# Anyone heard of NECI in the British Virgin Islands????



## beccas7 (Mar 3, 2002)

Hi, I was just wondering if any NECI graduates or perspectives have heard of the branch campus in the British Virgin Islands?? It's a very new campus - opened in 2001 - so it's still seemingly unknown. If anyone has heard of it, I'd appreciate some feedback on what it's like, school environment, etc....Thanks alot!!:chef:


----------



## inn chef (Apr 4, 2002)

In reference to your question. There is not a new england culinary institute in the virgin Islands, but there are two campuses one in Montpelier Vermont and one in Essex Vermont, I'm a graduate , and I highly reccomed it . The teacher to student ratio is fabulous and ther is plenty of hands on training with a highly educated staff.
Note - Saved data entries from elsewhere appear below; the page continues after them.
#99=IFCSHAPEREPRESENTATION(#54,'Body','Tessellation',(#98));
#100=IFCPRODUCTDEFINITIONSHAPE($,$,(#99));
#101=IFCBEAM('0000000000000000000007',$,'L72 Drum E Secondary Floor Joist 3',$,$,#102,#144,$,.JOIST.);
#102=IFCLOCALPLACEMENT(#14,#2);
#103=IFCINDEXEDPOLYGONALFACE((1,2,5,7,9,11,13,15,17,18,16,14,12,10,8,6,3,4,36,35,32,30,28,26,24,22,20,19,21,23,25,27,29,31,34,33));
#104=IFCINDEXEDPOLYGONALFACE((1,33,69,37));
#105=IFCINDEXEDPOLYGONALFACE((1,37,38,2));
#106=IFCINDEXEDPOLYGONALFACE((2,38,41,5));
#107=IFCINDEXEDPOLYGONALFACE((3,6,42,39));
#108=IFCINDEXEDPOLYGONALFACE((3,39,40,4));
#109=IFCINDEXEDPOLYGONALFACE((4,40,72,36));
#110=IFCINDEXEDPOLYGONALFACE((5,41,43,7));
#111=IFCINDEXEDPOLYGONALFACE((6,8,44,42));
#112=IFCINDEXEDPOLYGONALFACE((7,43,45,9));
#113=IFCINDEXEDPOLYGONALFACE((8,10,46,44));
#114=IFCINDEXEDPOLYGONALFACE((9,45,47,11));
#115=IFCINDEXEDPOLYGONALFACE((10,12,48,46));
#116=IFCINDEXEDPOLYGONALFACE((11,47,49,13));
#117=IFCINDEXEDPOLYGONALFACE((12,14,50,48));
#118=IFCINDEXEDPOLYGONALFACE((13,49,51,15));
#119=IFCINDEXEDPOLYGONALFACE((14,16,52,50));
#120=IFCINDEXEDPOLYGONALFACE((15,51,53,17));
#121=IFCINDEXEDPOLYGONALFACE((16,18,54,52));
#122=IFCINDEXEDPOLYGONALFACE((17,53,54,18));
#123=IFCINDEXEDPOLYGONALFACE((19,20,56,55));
Good Luck.


----------



## cape chef (Jul 31, 2000)

http://cookingcareer.shawguides.com/NECIatHLSCC/

Sounds pretty close to me 
cc


----------



## pete (Oct 7, 2001)

Inn Chef, what campus did you attend and what year did you graduate? Me-1994 from Montpelier.


----------



## inn chef (Apr 4, 2002)

I graduated in 1986 from the Montpelier campus, some of the best times of my life, great to hear of other NECI grads out there.


----------



## beccas7 (Mar 3, 2002)

Actually, there is a campus in the BRITISH Virgin Islands. It's a very new campus, only opened in 2001. If anyone who knows anything about it, please let me know. THANKS!!


----------



## cape chef (Jul 31, 2000)

Becca

I posted the link in my prevoius post above :chef:


----------